The error looks like this :

Two reads from the unaligned fragment are not showing up together. Please use -u(--abnormalUnmapFlag from wrapper) option.
system /data/zxu/software/TRUST4/bam-extractor -b /archive/zxu/data/my_datasets/inhouse/Project_s1885r10t006_18Samples_20240520/Alignment/BAM/G4-2135_sorted.bam -t 10 -f /data/zxu/software/TRUST4/mouse/GRCm38_bcrtcr.fa -o output/G4-2135_sorted_toassemble  failed: 139 at ./run-trust4 line 55.

Does anyone have any clue ?

@xanthexu . Your file is all right. You can just add the "-u" option when running TRUST4. This happens when some tools generated the sorted BAM file, the unmapped read pairs may not be next to each other. "-u" makes the program slower, but it has less assumptions on the sort order in the BAM file.

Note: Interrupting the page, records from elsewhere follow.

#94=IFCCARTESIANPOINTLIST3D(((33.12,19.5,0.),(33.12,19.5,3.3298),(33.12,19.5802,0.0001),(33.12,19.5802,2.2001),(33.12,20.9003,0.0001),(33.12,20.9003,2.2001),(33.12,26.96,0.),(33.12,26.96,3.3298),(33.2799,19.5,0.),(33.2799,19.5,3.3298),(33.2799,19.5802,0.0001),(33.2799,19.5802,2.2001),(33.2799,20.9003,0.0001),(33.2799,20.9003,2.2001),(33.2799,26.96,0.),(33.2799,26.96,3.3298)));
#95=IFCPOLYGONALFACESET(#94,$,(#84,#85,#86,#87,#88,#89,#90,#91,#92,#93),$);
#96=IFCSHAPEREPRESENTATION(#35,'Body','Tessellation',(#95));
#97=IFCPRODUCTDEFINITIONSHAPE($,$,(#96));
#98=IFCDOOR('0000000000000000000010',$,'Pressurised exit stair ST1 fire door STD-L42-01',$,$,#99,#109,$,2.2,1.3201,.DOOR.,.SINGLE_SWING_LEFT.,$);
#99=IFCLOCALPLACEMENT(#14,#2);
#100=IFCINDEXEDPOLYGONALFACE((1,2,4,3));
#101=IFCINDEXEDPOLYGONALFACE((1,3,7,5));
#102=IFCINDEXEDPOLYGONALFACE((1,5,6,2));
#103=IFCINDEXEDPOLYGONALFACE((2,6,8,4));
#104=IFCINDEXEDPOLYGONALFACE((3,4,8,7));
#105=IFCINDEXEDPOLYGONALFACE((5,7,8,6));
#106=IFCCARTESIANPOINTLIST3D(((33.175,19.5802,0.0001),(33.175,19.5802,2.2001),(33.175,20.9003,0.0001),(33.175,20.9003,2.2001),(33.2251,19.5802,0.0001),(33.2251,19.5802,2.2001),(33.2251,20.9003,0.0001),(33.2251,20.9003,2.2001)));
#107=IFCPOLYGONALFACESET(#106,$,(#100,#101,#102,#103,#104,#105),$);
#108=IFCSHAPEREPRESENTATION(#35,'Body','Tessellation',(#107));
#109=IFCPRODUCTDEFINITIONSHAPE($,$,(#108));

Thanks @mourisl . Yesterday I tried it by myself, and later found that removing unmapped reads from the BAM file can also solve this problem. This follows the same idea as the "-u" option you mentioned.

Many of the reads from the VDJ region are unmapped due to the recombination. I would recommend keeping them in the analysis.